Const. Steve Koopman, media relations officer for the KPF, doesn’t have all the numbers yet, but he said tickets processed so far for the period of Aug. 30 to Sep. 4 show a decrease in total calls for service, Liquor Licence Act tickets and noise bylaw tickets since 2012.

The Liquor Licence Act is a provincial act regulating the licensing, responsible use and possession of alcohol. Offences of the Act include having open containers, drinking in a public place and drinking underage.

In 2012, there were 995 total calls for service, including 348 within the University District.

In that year, 149 total Liquor Licence Act tickets were issued, with 114 in the University District. Of 14 noise bylaw tickets, 10 were issued within the University District.

In 2013, there were 902 total calls for service, 61 Liquor Licence Act tickets and three noise bylaw tickets throughout the city.

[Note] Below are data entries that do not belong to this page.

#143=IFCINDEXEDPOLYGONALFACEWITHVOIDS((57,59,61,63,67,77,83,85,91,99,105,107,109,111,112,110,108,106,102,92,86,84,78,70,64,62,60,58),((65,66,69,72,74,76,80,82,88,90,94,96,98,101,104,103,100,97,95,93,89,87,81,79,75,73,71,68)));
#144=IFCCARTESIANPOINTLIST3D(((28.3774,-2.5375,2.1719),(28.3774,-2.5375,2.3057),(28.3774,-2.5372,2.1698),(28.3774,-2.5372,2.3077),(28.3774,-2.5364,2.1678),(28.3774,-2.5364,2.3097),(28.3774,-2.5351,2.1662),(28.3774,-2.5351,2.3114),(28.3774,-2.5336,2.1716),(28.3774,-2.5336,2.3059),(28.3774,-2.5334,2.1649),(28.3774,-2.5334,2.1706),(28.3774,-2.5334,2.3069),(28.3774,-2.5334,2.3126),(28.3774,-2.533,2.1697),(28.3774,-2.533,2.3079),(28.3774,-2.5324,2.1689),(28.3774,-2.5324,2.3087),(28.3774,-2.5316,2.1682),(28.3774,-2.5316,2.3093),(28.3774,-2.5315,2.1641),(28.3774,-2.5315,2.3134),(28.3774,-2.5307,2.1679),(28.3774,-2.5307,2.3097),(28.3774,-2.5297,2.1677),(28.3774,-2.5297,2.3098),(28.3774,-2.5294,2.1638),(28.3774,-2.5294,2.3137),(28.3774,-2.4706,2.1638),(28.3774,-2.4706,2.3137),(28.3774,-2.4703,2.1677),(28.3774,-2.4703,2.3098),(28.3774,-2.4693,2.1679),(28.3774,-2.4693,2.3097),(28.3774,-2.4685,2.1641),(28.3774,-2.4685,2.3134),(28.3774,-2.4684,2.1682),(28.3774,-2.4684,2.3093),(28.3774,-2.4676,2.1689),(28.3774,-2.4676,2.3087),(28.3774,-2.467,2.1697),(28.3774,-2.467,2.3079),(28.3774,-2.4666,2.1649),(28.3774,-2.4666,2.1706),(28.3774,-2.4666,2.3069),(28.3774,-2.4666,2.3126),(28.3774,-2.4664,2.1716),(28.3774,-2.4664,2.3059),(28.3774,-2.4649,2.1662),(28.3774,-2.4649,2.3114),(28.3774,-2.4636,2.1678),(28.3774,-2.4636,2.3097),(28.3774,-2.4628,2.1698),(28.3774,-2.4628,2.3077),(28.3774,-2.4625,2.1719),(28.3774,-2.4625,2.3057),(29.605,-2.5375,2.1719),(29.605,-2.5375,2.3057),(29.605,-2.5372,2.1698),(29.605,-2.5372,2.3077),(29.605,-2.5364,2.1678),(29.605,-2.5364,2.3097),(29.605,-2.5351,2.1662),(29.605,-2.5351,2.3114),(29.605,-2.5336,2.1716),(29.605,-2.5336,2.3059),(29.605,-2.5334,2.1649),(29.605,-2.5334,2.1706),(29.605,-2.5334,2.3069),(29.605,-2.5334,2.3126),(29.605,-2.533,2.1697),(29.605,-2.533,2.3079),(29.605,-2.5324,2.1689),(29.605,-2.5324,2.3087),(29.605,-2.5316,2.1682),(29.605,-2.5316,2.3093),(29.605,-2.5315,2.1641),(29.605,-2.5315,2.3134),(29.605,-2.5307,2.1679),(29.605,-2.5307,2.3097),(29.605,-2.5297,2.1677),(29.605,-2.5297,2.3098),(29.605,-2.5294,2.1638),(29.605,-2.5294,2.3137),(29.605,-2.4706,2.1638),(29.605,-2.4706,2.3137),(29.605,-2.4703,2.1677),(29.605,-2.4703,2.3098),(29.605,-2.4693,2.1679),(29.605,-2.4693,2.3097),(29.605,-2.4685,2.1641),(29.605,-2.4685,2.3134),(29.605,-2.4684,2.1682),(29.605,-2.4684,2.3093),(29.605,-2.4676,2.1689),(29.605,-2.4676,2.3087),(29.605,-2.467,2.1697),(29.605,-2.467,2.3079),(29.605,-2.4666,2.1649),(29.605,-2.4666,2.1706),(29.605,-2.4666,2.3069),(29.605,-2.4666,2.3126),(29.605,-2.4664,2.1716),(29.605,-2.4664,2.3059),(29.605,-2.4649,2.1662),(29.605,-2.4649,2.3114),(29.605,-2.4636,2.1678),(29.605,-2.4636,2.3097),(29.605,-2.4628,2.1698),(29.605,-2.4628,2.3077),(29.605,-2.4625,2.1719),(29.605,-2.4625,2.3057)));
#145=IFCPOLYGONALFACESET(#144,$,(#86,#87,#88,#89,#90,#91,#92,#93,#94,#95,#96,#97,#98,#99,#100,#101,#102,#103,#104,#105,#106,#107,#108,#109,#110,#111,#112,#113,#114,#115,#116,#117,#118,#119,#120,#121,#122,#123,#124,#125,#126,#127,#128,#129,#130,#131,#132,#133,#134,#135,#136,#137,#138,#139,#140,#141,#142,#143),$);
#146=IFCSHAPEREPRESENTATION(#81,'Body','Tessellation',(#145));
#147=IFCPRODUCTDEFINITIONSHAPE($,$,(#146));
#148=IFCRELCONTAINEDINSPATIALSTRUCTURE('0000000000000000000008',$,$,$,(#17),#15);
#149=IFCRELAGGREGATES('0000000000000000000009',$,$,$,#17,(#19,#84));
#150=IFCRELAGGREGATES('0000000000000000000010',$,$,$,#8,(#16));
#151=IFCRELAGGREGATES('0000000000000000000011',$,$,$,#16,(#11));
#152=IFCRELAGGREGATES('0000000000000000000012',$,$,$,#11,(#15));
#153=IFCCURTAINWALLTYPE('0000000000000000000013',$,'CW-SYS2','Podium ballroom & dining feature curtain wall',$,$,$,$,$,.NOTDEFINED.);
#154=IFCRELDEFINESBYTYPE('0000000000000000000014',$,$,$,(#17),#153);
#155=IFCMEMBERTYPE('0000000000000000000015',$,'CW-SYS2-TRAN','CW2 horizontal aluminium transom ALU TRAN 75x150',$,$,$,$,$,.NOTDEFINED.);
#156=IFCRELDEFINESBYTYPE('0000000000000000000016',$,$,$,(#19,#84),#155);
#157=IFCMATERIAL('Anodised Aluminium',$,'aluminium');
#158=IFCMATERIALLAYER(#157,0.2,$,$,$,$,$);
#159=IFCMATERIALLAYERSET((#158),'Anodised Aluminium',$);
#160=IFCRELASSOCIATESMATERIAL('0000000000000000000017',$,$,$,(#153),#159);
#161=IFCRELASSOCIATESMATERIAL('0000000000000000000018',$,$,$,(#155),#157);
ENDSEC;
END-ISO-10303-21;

Out of those, in the University District, there were 318 calls for service, 51 Liquor Licence Act tickets and three noise bylaw tickets.

This year, there were 767 total calls, 27 Liquor Licence Act tickets and one noise bylaw ticket. In the University District, there were 208 calls for service, 19 Liquor Licence Act tickets issued and one noise bylaw ticket, according to the data that the KPF has so far.

Despite the low numbers, Koopman said the total amount of calls for service and issued tickets are still higher than the rest of the year.

The KPF normally sees an average of 110 calls per day, but received an average of 130 per day during frosh week, an increase of about 18 per cent.

“We are still getting statistics coming in or having the tickets processed, so these numbers would be low for this year,” he said.

In addition, some noise bylaw tickets are laid by City bylaw enforcement officers, rather than the police.

The KPF always sees a rise in noise bylaw and Liquor Licence Act tickets during frosh week, Koopman added.

“Everyone’s in good moods, they’re in a celebratory fashion, there’s not much work, the spirit of Queen’s and St. Lawrence and others come through, it’s just a fact of life,” he said.

“So we have to try and be prepared for that as a police service and then we see what community reaction is to that as well. We try and work well with both the University and [St. Lawrence] College, and with the community as well, and try and build bridges.”

He said that the decline in total calls for service, Liquor Licence Act and noise bylaw tickets is “hopefully” a good sign.

“That might be good that we may not have to lay as many charges,” he said.

He added that it may indicate students are becoming more integrated into the Kingston community.

While the KPF prefers to do prevention and education before enforcement, they have a zero tolerance policy for Liquor Licence Act violations, he added.

“If we do see [someone] committing an offence, and normally those are the ones having open alcohol or consuming alcohol in a public place, and that includes obviously a sidewalk as well, or underage drinking, then you can normally expect to get a ticket for that,” he said.